Some other games I recommended before: Ninja Gaiden Sigma, The Elder Scrolls IV: Oblivion (Game Of The Year Edition would be a much better deal because you get the game plus the two expansion packs), The Darkness (pretty cool FPS), and so on. There are a ton of games I'm gonna be getting next month such as Call of Duty 4, Assassin's Creed, Clank and Ratchet Future: Tools of Destruction, and so on. I'm thinking of getting Heavenly Sword since the demo was pretty fun and all the reviews of it have been really good. In December, I'm gonna be getting the Orange Box (5 Half Life 2 games). If you like crazy psycho race games, MotorStorm is pretty fun as well. And I have a list of about 8-10 games to get in 2008 (Fallout 3, Metal Gear Solid 4, GTA4, Star Wars: The Force Unleashed, Devil May Cry 4, etc.).


----------



## Azyiu (Oct 31, 2007)

Naren said:


> I've never experienced any freezing in any PS3 games, but my PS3 froze once on the load screen for "God of War" (for PS2). So I unplugged the PS3, which just reset the controller so it wasn't locked up with the PS3 anymore, but then I tried it again and I never experienced another freezing.
> 
> Freezing up in PS2 games on the PS3 improves drastically through system updates. Have you downloaded any? or can't you connect to the US server from Hong Kong?



When you say "unplugged", do you mean you literally unplugged the power supply to the console, or do you mean just the controller? I am guessing you meant the former? But yeah, you are right, I need to update the damn firmware... I am too "busy" messing with my new toy and I need to move my lazy ass and do the update.  

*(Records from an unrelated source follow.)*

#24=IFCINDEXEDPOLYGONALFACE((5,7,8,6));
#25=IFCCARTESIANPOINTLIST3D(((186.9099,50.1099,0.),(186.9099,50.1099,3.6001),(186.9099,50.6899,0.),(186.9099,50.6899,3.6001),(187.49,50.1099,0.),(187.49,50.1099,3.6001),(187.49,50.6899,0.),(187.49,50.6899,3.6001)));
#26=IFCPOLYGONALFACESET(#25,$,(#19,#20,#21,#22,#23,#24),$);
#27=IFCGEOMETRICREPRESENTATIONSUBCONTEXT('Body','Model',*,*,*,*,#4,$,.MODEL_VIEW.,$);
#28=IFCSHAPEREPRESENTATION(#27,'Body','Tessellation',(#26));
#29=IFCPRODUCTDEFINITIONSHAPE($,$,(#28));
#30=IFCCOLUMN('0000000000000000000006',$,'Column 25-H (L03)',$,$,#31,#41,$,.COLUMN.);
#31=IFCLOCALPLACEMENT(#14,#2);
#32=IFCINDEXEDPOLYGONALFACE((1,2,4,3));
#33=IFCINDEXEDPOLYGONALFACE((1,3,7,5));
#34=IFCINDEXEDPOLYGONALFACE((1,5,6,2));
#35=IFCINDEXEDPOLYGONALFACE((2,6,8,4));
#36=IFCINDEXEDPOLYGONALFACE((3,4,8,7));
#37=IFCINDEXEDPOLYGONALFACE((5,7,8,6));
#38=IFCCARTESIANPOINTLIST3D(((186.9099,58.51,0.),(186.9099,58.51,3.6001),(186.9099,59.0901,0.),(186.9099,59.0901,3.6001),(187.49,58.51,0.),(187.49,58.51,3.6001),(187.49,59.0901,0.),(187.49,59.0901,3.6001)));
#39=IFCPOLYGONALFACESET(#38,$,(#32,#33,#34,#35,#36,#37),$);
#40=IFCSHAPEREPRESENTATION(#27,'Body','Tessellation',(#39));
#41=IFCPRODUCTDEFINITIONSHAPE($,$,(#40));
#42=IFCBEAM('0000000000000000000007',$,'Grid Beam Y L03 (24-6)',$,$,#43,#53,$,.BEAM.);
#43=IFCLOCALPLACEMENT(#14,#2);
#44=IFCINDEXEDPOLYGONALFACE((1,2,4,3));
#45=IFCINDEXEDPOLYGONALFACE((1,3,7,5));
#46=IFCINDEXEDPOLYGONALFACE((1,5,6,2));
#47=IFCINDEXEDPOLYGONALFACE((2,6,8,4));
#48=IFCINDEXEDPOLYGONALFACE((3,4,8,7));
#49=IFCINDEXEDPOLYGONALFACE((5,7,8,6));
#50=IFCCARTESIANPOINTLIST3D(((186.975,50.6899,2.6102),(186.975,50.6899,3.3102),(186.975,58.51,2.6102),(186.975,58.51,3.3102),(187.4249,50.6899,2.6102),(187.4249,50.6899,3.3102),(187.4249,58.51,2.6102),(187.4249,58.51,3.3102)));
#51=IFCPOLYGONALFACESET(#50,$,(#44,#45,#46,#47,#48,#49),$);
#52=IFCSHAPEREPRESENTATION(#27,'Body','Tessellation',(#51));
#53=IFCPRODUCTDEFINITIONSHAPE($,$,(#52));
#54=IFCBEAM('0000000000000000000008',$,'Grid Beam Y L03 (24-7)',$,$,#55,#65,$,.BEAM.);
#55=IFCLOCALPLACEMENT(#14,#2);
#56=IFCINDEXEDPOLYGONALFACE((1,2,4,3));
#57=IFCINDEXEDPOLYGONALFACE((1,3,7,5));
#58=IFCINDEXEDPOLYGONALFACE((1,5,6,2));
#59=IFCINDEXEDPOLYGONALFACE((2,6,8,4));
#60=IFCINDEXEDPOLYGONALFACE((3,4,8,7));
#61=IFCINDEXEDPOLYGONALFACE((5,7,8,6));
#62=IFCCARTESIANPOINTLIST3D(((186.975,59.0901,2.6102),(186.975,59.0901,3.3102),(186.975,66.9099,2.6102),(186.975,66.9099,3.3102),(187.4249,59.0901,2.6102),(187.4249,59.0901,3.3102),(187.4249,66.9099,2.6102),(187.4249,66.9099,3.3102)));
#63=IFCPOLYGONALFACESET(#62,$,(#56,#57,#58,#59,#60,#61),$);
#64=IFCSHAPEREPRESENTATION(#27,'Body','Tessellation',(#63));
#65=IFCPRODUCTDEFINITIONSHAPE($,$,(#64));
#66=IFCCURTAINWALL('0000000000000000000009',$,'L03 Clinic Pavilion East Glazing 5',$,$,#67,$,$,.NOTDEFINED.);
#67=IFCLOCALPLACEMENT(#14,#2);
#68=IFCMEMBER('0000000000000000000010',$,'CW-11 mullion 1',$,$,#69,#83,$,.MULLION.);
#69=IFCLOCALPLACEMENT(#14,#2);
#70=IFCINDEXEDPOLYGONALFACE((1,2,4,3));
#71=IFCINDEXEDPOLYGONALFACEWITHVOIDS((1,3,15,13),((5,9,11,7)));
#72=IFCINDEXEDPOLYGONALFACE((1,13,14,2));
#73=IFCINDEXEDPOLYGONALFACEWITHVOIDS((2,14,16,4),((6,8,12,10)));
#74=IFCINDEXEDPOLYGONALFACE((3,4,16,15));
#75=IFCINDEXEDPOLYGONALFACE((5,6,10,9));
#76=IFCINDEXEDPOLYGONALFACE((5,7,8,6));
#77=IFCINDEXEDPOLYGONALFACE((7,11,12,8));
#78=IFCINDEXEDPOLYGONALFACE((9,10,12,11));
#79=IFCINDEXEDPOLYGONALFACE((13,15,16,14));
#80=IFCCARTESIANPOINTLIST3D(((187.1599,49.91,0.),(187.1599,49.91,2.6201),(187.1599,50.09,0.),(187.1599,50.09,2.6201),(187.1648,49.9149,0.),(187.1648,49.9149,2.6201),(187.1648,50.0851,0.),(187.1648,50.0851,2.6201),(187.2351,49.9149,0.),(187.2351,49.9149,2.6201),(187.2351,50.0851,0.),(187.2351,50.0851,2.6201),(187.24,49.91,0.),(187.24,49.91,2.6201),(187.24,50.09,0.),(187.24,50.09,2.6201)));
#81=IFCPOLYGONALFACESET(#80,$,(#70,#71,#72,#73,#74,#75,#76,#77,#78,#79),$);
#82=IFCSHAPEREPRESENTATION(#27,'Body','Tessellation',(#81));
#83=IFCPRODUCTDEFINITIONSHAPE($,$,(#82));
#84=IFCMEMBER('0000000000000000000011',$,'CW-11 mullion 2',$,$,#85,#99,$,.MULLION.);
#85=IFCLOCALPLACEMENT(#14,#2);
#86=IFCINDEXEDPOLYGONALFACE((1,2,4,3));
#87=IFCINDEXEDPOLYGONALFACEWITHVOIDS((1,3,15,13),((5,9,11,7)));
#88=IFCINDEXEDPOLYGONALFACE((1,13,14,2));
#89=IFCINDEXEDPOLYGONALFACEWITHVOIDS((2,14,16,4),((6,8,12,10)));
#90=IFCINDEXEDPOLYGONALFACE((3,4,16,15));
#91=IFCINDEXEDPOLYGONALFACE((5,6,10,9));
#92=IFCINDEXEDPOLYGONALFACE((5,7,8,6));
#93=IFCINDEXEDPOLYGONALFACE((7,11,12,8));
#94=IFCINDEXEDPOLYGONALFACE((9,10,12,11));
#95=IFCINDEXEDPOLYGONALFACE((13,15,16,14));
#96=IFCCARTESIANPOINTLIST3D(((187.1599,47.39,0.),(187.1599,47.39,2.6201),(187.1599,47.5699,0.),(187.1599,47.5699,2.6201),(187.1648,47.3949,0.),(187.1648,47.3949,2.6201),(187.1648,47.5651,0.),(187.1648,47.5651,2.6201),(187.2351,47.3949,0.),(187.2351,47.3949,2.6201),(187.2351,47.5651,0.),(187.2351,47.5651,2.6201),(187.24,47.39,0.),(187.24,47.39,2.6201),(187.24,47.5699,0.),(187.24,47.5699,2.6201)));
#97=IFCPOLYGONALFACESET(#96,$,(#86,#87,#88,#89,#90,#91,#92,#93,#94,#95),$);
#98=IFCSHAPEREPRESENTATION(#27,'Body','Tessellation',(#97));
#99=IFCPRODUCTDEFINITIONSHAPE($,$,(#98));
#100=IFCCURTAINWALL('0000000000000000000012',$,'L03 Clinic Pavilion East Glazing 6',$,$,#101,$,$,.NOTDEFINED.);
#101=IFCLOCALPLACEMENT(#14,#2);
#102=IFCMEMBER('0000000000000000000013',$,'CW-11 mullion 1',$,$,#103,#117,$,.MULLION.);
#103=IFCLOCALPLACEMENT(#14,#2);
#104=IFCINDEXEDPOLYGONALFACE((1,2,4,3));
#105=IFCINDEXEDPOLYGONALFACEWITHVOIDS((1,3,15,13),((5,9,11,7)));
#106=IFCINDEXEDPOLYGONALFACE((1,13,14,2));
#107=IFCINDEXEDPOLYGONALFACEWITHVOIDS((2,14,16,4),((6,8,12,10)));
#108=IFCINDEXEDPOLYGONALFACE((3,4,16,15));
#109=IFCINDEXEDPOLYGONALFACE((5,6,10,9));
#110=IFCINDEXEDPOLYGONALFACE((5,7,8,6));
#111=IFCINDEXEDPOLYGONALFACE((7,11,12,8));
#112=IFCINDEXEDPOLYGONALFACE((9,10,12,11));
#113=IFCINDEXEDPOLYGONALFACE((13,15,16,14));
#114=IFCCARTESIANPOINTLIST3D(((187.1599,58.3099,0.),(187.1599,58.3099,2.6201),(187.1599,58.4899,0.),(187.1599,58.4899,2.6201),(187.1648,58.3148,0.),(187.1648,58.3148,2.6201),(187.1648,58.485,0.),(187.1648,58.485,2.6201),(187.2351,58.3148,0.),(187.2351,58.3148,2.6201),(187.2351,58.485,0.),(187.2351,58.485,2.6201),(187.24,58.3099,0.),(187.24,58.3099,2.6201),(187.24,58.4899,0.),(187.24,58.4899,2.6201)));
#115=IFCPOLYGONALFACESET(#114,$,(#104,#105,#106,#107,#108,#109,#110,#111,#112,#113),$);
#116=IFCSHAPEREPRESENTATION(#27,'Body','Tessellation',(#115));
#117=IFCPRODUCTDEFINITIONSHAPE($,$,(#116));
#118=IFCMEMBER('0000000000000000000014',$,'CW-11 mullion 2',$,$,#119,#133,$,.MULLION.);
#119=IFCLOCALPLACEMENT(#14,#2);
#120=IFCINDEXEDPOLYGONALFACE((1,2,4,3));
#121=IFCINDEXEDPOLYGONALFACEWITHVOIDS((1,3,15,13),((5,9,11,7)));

And yes, I can download the latest US version update from Hong Kong. I only need to go directly to the SONY PS3 US website, that's all.



Naren said:


> Of course, on my PS2, I had games freeze a few times, as well.

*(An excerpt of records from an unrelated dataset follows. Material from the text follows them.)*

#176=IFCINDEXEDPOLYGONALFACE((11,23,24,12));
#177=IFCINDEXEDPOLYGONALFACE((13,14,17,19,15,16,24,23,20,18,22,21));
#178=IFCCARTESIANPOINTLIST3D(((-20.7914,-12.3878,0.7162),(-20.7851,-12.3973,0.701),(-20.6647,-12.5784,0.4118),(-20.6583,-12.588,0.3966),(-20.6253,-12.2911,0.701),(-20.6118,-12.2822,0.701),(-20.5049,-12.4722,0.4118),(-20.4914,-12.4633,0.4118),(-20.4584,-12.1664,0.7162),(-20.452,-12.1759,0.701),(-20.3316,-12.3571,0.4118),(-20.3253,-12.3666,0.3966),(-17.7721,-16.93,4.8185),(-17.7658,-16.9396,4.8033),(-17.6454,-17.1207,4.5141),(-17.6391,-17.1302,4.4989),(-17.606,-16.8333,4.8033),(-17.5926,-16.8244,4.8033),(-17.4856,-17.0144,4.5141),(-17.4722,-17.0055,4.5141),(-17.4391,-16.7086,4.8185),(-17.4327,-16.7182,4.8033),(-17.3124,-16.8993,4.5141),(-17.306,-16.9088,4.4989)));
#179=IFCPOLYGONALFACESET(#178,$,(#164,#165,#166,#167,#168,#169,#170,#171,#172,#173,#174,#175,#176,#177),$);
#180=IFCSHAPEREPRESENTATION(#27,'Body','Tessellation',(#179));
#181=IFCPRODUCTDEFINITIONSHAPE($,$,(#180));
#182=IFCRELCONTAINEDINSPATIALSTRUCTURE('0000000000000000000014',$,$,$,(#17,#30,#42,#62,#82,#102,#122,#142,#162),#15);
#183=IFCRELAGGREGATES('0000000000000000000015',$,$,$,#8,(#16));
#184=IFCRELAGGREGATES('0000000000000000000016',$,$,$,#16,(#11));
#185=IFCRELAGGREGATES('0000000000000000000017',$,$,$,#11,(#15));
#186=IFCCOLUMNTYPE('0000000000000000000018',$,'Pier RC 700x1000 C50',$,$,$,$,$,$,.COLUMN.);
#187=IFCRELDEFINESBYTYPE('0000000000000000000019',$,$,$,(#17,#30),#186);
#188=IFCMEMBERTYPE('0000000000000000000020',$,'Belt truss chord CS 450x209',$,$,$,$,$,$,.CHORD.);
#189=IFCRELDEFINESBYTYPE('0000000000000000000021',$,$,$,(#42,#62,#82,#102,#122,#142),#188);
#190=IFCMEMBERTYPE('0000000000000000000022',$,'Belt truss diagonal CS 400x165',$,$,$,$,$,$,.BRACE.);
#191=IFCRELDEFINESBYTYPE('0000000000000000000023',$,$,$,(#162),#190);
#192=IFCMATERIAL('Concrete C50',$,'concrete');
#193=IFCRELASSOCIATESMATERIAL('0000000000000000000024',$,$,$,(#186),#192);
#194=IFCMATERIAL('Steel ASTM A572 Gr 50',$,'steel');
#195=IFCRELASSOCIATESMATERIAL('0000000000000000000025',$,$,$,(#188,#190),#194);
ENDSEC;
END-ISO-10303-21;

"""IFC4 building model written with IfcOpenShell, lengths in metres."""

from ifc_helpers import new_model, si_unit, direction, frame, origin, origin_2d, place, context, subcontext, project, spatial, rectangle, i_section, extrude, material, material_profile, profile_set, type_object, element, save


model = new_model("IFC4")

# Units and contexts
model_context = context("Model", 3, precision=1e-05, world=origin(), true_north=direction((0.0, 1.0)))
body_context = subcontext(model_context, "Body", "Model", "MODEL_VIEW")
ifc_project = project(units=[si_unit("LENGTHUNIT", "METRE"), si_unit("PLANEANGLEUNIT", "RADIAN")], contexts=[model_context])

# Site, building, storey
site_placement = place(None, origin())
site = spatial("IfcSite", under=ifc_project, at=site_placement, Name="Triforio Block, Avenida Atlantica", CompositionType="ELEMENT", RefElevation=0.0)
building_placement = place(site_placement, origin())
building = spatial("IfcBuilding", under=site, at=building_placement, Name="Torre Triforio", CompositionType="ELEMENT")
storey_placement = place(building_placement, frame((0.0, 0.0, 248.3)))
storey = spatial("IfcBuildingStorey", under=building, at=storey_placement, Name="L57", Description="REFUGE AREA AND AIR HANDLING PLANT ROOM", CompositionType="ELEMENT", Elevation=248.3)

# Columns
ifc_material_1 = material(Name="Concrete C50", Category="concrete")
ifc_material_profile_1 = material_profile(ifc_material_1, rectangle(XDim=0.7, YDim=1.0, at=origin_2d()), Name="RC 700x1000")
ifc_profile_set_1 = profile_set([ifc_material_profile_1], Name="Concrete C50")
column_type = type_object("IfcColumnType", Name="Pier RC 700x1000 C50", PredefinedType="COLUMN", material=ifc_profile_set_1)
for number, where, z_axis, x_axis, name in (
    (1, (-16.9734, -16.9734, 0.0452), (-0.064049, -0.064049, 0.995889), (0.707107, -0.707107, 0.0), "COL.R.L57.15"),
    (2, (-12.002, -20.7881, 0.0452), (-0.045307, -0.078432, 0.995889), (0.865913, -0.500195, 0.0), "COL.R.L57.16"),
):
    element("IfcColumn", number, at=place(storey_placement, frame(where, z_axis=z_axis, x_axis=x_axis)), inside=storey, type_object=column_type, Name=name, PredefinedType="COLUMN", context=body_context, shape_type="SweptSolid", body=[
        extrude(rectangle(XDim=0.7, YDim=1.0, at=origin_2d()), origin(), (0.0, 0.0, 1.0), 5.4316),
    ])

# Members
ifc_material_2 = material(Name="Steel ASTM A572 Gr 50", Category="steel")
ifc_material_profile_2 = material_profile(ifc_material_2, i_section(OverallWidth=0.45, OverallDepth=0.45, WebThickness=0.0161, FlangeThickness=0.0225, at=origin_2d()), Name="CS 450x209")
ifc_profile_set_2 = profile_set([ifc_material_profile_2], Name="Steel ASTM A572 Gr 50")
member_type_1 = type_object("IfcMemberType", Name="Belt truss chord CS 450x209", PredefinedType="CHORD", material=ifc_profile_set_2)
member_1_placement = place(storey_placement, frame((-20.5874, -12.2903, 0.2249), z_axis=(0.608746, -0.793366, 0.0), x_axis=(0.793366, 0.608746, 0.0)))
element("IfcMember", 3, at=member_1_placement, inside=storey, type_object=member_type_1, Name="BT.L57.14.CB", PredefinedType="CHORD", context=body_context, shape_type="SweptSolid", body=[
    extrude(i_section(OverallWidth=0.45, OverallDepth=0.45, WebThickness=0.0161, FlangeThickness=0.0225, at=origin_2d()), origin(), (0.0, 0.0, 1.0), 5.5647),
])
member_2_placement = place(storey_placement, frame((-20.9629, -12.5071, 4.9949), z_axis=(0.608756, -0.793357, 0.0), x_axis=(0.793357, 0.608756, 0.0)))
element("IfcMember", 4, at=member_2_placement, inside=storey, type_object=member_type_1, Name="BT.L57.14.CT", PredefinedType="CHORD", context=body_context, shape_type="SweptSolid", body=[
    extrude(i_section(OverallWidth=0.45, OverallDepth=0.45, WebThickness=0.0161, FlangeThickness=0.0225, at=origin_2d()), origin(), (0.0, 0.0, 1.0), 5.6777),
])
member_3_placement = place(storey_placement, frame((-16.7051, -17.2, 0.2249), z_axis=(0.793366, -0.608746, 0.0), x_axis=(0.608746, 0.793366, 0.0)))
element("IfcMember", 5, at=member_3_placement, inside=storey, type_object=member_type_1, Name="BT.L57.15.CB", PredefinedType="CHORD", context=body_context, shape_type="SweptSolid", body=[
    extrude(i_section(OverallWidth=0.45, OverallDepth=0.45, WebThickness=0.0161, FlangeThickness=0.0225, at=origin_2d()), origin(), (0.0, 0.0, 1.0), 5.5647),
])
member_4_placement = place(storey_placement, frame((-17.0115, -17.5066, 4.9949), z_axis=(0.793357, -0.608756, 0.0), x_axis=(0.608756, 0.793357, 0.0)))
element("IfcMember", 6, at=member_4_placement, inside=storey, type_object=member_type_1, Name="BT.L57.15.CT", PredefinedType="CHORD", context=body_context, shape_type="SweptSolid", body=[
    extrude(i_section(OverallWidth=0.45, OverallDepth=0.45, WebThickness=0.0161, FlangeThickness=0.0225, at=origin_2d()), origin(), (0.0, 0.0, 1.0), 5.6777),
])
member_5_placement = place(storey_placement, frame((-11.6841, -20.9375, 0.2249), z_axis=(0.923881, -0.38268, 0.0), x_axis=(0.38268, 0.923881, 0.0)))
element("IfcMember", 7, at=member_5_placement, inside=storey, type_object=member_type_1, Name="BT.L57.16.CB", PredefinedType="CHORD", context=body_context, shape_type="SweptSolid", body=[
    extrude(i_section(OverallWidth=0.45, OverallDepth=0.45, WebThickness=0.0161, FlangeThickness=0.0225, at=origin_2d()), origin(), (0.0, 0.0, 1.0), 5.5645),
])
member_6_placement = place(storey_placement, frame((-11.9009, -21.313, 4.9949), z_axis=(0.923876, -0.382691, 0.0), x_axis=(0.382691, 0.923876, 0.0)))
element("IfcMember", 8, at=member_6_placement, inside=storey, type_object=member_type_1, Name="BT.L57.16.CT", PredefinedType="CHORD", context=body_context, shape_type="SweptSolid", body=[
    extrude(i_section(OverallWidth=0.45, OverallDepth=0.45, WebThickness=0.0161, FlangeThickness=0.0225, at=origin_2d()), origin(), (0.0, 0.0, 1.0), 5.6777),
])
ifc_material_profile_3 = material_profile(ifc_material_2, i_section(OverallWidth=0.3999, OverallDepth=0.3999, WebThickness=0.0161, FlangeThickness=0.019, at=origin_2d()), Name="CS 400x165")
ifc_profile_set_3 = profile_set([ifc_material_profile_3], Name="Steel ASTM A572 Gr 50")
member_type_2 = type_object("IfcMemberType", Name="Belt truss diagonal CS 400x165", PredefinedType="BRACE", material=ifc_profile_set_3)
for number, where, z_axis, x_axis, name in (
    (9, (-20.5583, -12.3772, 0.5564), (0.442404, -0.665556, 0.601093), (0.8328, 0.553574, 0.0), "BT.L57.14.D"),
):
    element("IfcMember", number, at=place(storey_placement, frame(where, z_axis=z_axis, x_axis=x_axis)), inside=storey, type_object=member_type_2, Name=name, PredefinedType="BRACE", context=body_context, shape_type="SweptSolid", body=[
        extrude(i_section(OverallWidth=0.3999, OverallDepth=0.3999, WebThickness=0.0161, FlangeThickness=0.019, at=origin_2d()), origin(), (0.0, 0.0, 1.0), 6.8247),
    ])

Maybe I got lucky. No matter how I abuse my PS2, I never really experienced any freezing or major problems at all. * salute to my ever reliable PS2 *




Naren said:


> Oh, and DEFINITELY get Resistance. That game is awesome: both in single player and multiplayer.
> 
> Some other games I recommended before: Ninja Gaiden Sigma, The Elder Scrolls IV: Oblivion (Game Of The Year Edition would be a much better deal because you get the game plus the two expansion packs), The Darkness (pretty cool FPS), and so on. There are a ton of games I'm gonna be getting next month such as Call of Duty 4, Assassin's Creed, Clank and Ratchet Future: Tools of Destruction, and so on. I'm thinking of getting Heavenly Sword since the demo was pretty fun and all the reviews of it have been really good. In December, I'm gonna be getting the Orange Box (5 Half Life 2 games). If you like crazy psycho race games, MotorStorm is pretty fun as well. And I have a list of about 8-10 games to get in 2008 (Fallout 3, Metal Gear Solid 4, GTA4, Star Wars: The Force Unleashed, Devil May Cry 4, etc.).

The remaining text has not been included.